Authorea

Tools & Techniques

Data Collection

Video data collection is primarily performed using a specially constructed mobile video-data collection system built for temporary high-angle video data collection and has tamper-proof, weather-proof, self-contained features presented in \cite{Jackson_2013}. Ordinary fixed traffic surveillance CCTV cameras can be used as well and are usually more reliable, but only where and when available.

Camera types

Two cameras were tested. The first was a Vivotek IP security camera with a narrow lens filming at 15 frames per second at a resolution of \(800\times 600\), while the second camera was a GoPro 2 with a wide-angle lens filming at 30 frames per second at a resolution of \(1280\times 960\). Both cameras encoded video in H.264, although the GoPro used a significantly larger bitrate. The consumer-grade GoPro provides higher-quality videos, however these gains seem to have minimal impact on vehicle tracking performance while the video files are much larger and more difficult to handle and process.

Software

\label{software} The software used is the open-source Traffic Intelligence project \cite{Saunier_2010,Jackson_2013}, itself based on the computer vision library OpenCV \cite{Brahmbhatt_2013}. This software provides the basic feature tracking (the algorithm presented in \cite{saunier06feature-based}), trajectory management and coordinate projection functionality, as well as a few usage-specific tools such as correction for lens distortion, trajectory clustering, and basic motion prediction functions. Some of the more advanced analysis tools and techniques presented in this paper are under development and will be made available as their functionality is completed and validated.

Data Model

All this data, from the raw video data to the high level interpretation, need to be organized and managed. A high level conceptual data model is presented as an entity-association diagram in Figure \ref{fig:data-model}. It is a little simplified to avoid some implementation details which can be found in the Traffic Intelligence project.
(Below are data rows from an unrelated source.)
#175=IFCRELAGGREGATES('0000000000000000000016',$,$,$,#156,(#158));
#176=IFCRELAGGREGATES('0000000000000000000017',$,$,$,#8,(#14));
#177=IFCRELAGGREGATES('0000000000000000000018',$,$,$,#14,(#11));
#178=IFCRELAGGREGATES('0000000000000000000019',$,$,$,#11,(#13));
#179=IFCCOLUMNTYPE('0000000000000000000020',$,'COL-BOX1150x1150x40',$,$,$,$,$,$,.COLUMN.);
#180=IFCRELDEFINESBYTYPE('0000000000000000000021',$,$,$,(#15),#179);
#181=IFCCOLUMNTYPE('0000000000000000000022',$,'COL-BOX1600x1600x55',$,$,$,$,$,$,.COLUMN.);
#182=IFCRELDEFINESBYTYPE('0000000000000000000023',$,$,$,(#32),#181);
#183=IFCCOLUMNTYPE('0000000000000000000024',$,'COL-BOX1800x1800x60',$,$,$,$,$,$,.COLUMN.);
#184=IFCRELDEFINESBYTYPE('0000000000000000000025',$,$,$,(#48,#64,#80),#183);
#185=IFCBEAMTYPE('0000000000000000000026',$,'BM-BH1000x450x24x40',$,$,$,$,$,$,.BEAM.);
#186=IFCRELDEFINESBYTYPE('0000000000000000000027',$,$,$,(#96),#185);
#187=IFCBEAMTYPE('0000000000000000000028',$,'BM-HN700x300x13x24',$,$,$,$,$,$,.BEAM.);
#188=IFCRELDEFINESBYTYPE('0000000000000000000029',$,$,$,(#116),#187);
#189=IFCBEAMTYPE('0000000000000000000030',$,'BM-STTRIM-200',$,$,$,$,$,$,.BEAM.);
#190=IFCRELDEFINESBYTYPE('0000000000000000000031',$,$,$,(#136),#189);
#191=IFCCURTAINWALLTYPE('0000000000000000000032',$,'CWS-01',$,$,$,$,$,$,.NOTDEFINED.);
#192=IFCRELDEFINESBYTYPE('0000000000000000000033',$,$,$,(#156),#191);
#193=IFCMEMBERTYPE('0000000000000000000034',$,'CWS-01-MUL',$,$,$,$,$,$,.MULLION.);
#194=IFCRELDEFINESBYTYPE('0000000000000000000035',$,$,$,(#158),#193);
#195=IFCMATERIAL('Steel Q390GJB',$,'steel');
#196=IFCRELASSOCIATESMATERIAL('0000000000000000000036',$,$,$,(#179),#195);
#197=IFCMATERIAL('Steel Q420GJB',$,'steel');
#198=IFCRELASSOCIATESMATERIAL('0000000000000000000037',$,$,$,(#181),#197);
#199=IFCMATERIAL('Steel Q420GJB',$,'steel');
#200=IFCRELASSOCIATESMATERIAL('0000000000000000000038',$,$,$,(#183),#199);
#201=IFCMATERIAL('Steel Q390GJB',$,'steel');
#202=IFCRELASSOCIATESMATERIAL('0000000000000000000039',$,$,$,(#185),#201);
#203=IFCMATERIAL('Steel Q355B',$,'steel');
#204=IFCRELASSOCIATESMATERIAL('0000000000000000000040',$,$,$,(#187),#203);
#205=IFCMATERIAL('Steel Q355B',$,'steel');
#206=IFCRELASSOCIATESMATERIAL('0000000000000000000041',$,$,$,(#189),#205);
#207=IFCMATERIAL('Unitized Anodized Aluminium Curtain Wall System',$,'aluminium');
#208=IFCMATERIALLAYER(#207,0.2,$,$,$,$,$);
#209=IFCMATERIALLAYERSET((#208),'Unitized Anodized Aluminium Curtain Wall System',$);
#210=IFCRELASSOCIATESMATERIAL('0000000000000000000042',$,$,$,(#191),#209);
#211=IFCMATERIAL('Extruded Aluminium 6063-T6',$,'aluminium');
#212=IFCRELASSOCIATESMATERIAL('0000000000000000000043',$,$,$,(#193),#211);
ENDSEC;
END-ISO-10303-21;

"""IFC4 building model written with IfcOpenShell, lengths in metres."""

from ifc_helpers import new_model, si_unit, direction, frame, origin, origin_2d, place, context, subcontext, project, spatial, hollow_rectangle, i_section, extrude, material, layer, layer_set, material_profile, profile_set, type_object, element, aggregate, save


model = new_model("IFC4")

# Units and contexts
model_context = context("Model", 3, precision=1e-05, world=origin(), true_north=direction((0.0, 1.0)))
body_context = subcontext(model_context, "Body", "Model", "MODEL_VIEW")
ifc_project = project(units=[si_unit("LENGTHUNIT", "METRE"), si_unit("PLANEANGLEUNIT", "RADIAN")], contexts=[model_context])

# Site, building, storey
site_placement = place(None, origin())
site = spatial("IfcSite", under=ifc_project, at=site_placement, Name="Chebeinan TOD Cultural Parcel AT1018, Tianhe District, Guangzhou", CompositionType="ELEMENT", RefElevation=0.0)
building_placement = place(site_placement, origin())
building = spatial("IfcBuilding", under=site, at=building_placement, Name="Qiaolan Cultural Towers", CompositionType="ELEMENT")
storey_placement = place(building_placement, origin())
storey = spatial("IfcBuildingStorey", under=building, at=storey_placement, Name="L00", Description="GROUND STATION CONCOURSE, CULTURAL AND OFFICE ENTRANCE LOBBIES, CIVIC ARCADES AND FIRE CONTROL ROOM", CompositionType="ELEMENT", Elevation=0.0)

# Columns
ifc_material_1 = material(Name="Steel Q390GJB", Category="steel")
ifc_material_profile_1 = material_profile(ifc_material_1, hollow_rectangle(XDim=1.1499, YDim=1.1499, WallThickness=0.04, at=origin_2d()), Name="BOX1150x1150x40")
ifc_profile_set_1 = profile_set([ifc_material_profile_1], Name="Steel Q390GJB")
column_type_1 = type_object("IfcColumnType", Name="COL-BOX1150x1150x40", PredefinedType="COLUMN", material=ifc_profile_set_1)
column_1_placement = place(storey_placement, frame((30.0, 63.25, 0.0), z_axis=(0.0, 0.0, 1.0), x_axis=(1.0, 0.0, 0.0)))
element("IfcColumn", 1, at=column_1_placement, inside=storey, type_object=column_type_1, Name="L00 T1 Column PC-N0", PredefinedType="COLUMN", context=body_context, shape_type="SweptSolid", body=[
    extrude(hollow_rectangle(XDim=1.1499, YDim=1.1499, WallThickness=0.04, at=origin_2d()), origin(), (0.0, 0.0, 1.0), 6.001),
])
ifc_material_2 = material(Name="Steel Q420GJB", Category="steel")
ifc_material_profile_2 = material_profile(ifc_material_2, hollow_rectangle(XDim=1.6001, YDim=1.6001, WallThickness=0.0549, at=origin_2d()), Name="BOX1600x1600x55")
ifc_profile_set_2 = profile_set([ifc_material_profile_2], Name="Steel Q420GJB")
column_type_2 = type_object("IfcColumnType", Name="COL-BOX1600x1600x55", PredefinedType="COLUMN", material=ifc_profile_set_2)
The diagram has two main parts:

the entities (objects) resulting from the video analysis (upper half of Figure \ref{fig:data-model}): the raw data extracted from video analysis is stored as time series (indexed by frame number) of positions and velocities (with corresponding unique keys), and are grouped as road user objects which may have a type (passenger vehicle, truck, cyclist, etc.). Interactions are between two road users and may be characterized by several indicators such as TTC, PET, etc.
the entities providing the data description or meta data (lower half of Figure \ref{fig:data-model}): sites, e.g. the different roundabouts studied in this work, are the corner stone of the meta-data. They may correspond to several video sequences (the actual video files), each being characterized by a camera view with camera parameters such as a homography matrix (but a camera view can be the same for several files, e.g. when video sequences are split into several files for each hour). Various types of site features (complementary data) may be added, e.g. the alignments and analysis areas shown as examples in the diagram.

Positions and road users are obviously linked to a camera view, a video sequence, and a site (not through an actual key in the positions table as shown in Figure \ref{fig:data-model}, but through configuration files).

Processing

Real-time analysis is not an explicit goal of this technology, as its intended use is primarily the off-line analysis of data recorded in the field from non-permanent video cameras. However, performance is a serious consideration, if for no other reason than to ensure that processing remains affordable and does not fall behind data collection. In any case, some calculations may require pre-processing of as much data as possible, in particular machine learning tasks such as motion prediction (see section \ref{motion-prediction}).

In the current iteration of the software, and with today’s multi-core possessors, tasks are highly parallelizable. Feature tracking and trajectory analysis can be performed on multiple video sequences at a time, typically cut up into 20-minute or one-hour segments, in parallel on a single mid-to-high-performance machine, or on a computer cluster. With parallel processing of video sequences on a single computer, memory becomes the main bottleneck; 32 GB or more of memory are highly recommended on a multi-core machine, to take full advantage of up to 8 threads. Alternatively, the large majority of calculation tasks can be parallelized at the observation level, as they are independent events.

Feature tracking is written in C++ for performance, while the majority of trajectory analysis is written in Python for ease of development and extensibility. Where possible, expensive trajectory analysis calculations make use of Python wrappers for fast compiled libraries.